Bien entendu, nous avons examiné les arguments traditionnels liés à la surévaluation de l'euro et au prix de l'énergie, mais leur portée doit être atténuée. Alors que nous accusons un déficit commercial de plus de 50 milliards d'euros, l'Allemagne engrange plus de 130 milliards d'euros d'excédent, avec la même monnaie, et une dépendance encore plus accrue aux hydrocarbures du fait de ses choix énergétiques.

Ces deux points n'expliquent donc pas nos errements à l'international. En revanche, force est de souligner, et les difficultés allemandes sur certains marchés le prouvent, que l'attitude de l'Union européenne vis-à-vis du commerce international doit être questionnée. Trop souvent, nous avons constaté que nos grands partenaires, les émergents bien sûr, mais aussi les Etats-Unis, ont organisé la défense de leurs industries stratégiques, quand l'Europe affiche seule un libre-échangisme total.

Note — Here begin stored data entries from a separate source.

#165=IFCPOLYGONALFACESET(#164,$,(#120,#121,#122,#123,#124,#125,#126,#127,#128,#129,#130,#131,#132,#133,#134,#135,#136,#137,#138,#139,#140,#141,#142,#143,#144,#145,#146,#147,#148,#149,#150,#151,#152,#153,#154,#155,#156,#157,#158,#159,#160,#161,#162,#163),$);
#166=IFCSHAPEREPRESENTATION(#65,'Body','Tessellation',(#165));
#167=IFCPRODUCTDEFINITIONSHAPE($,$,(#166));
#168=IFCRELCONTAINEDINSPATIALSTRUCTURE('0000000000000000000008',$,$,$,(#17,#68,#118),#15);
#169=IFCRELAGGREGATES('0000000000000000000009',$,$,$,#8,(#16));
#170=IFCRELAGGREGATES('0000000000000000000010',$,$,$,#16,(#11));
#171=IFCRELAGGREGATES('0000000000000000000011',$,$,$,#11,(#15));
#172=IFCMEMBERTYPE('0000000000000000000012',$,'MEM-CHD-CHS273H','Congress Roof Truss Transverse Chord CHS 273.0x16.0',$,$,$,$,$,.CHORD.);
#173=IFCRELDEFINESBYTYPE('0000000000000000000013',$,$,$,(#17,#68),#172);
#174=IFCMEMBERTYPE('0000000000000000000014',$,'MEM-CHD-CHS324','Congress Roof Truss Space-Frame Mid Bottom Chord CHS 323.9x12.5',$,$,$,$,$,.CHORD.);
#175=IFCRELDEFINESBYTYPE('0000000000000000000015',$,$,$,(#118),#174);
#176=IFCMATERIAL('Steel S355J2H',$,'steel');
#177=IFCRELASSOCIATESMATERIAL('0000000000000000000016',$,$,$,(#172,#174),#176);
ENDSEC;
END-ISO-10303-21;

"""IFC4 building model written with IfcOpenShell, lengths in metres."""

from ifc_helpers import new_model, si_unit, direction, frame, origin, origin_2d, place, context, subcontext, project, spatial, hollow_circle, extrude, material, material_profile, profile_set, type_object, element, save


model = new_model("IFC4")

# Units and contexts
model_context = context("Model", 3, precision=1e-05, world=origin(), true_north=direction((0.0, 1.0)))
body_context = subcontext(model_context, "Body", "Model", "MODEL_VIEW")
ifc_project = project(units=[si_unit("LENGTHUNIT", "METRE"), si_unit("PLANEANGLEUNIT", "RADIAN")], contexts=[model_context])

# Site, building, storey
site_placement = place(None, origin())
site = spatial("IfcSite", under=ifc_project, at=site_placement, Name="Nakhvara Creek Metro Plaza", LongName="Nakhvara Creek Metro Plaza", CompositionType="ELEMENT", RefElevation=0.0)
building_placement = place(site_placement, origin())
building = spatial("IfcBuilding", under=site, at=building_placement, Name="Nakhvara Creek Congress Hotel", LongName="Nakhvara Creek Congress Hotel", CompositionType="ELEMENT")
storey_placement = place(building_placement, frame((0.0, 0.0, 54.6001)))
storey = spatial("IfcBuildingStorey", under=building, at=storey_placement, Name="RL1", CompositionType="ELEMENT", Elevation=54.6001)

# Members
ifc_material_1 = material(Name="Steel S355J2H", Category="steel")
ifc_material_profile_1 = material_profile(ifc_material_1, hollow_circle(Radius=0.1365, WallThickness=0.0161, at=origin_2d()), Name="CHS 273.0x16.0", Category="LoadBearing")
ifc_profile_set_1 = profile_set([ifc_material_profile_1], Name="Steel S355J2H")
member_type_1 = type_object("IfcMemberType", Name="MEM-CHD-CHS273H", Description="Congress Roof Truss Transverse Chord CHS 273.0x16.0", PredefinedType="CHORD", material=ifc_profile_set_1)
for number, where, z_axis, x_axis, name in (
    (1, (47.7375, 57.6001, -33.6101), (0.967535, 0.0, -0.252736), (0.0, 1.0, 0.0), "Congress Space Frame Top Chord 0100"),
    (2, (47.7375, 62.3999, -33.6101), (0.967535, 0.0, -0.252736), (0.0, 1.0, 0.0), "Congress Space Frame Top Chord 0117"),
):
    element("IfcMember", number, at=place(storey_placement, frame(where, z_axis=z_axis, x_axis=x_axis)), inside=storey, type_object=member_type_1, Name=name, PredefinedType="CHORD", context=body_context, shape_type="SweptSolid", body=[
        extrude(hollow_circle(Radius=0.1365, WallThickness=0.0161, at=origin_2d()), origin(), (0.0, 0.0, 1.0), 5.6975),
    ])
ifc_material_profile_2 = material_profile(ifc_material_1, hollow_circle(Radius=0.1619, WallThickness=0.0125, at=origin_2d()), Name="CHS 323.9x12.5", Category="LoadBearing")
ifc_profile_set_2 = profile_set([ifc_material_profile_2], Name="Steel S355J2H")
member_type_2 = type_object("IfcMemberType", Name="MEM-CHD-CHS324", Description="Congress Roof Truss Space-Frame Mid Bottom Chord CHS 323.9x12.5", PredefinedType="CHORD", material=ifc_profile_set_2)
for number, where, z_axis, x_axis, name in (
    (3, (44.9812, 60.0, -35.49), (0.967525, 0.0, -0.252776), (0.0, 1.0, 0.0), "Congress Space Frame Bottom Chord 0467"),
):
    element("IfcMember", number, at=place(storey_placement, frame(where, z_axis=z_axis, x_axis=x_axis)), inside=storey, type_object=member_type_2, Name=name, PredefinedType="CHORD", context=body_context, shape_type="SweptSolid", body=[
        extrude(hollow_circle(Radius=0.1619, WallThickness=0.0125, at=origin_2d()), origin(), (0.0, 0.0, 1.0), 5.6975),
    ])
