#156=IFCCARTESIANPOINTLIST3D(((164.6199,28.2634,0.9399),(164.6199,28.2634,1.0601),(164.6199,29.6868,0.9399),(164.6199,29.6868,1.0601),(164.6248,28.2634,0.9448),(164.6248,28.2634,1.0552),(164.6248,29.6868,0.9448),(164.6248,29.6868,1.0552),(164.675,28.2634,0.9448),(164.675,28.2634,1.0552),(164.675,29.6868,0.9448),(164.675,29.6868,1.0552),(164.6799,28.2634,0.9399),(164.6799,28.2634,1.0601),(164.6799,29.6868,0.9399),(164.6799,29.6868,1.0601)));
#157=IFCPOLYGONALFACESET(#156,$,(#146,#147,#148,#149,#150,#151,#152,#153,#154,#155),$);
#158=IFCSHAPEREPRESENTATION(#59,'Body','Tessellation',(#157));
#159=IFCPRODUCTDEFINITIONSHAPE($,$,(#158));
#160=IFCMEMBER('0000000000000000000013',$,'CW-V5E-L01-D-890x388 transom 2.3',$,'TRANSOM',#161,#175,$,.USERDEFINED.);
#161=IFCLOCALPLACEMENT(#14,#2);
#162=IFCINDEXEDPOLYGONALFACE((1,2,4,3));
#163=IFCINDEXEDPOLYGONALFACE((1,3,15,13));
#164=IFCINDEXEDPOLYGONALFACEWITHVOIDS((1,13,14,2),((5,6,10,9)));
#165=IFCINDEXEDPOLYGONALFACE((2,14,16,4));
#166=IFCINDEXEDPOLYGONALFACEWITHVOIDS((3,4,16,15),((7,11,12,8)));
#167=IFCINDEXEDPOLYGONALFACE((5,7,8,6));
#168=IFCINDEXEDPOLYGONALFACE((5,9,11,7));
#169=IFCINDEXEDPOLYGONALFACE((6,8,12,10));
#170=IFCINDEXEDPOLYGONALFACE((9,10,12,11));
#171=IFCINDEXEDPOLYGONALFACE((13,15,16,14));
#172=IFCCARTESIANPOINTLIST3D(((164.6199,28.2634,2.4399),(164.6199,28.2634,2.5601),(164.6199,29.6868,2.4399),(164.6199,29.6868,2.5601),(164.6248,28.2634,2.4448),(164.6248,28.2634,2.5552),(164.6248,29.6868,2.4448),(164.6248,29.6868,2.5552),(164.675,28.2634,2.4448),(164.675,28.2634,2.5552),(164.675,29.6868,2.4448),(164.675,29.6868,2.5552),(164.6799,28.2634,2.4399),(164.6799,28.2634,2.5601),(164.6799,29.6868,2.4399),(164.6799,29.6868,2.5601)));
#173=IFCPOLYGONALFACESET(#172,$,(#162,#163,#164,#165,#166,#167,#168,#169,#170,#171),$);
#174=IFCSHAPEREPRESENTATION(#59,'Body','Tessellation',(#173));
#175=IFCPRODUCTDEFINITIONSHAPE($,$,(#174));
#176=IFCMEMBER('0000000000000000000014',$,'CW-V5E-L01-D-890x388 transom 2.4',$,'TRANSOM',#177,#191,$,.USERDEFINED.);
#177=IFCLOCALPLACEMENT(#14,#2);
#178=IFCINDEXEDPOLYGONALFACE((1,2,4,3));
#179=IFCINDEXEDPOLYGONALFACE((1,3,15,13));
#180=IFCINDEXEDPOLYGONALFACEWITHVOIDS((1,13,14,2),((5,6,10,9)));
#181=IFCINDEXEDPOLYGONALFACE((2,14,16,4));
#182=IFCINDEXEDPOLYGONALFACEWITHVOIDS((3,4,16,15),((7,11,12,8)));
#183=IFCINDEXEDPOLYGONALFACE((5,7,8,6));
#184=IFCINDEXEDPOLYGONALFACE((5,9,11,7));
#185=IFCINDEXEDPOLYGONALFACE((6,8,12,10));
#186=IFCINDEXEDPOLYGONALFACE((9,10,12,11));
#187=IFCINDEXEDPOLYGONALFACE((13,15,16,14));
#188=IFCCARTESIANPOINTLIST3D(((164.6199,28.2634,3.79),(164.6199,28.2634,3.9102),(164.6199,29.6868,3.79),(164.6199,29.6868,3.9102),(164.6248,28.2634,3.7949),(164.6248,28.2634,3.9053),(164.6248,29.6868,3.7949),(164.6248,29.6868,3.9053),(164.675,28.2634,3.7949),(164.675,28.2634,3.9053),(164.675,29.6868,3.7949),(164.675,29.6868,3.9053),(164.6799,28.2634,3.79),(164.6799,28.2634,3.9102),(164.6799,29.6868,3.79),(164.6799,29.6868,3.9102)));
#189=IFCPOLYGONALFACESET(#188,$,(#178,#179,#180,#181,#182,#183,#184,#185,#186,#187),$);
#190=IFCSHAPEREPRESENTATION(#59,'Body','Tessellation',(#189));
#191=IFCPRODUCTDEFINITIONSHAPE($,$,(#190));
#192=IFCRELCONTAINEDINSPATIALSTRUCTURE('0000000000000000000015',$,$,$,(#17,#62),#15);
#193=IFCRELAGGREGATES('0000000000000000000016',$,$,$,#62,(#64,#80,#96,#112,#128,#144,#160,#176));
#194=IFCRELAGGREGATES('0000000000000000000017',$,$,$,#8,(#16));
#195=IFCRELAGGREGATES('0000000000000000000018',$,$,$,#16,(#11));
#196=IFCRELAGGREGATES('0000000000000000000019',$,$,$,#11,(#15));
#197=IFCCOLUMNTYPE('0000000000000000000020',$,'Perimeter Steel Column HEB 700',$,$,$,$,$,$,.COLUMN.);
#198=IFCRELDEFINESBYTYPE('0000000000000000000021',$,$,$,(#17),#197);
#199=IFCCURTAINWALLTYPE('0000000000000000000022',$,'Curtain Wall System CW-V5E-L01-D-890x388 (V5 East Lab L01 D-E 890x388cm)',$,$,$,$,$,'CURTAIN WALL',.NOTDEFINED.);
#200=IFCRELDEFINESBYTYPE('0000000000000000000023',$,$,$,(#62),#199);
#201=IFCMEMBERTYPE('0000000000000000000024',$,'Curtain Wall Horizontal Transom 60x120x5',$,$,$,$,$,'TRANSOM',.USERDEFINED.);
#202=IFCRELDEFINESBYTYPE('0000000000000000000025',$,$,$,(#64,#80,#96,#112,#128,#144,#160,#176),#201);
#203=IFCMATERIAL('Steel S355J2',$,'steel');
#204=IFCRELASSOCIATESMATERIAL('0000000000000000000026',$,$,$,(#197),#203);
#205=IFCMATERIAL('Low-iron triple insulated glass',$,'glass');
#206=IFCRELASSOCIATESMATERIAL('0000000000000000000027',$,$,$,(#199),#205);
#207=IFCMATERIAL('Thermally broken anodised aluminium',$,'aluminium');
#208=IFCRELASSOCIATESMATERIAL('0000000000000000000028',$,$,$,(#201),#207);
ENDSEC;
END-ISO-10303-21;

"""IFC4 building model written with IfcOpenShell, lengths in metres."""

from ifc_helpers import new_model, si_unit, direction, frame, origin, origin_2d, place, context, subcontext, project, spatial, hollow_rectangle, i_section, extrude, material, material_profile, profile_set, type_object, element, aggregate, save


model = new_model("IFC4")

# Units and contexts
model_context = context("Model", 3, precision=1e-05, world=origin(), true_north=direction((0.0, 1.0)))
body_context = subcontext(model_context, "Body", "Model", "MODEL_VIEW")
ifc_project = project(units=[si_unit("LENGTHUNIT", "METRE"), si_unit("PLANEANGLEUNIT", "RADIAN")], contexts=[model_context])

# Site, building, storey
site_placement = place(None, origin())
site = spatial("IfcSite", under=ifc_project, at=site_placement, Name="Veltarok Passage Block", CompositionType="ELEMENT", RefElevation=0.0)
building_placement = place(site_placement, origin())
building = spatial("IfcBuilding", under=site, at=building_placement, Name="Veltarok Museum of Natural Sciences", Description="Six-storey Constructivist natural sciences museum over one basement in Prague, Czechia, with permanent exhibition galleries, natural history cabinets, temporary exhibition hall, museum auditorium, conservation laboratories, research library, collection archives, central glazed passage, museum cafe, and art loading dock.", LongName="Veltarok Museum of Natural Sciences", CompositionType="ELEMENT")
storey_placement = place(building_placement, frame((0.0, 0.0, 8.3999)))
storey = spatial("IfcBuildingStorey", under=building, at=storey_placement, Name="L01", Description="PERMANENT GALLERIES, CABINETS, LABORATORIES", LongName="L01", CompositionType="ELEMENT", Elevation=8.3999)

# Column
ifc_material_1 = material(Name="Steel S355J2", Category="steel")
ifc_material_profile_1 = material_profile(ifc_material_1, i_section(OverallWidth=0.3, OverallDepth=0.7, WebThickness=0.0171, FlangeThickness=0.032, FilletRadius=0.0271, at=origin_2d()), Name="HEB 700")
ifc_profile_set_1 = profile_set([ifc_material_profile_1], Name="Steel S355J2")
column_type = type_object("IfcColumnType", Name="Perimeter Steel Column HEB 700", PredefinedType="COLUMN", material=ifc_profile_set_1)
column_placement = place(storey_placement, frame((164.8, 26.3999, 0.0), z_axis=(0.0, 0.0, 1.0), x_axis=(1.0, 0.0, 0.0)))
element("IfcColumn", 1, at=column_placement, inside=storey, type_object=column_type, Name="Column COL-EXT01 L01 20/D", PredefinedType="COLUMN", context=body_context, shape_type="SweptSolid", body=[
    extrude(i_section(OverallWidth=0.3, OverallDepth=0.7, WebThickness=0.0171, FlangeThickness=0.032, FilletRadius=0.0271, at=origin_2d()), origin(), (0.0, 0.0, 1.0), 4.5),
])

Certes, des instruments existent et sont parfois utilisés pour sanctionner les atteintes les plus graves aux règles du commerce international. Mais il faut que cette défense de nos intérêts soit plus systématique, surtout à l'heure où les négociations multilatérales à l'OMC sont complètement bloquées.

Toutefois, on ne peut pas reporter sans cesse la responsabilité de nos difficultés sur les autres. Si la France enregistre des déficits commerciaux records depuis quinze ans, c'est principalement parce que sa compétitivité s'est gravement érodée, de plusieurs manières.

D'abord, le coût du travail français a explosé à cause de la mise en place de la loi sur les 35 heures, au moment où l'Allemagne réussissait à maintenir son augmentation à un niveau très faible. Entre 2000 et 2004, le coût du travail en France a augmenté de 21,9 %, contre 8,1 % en Allemagne !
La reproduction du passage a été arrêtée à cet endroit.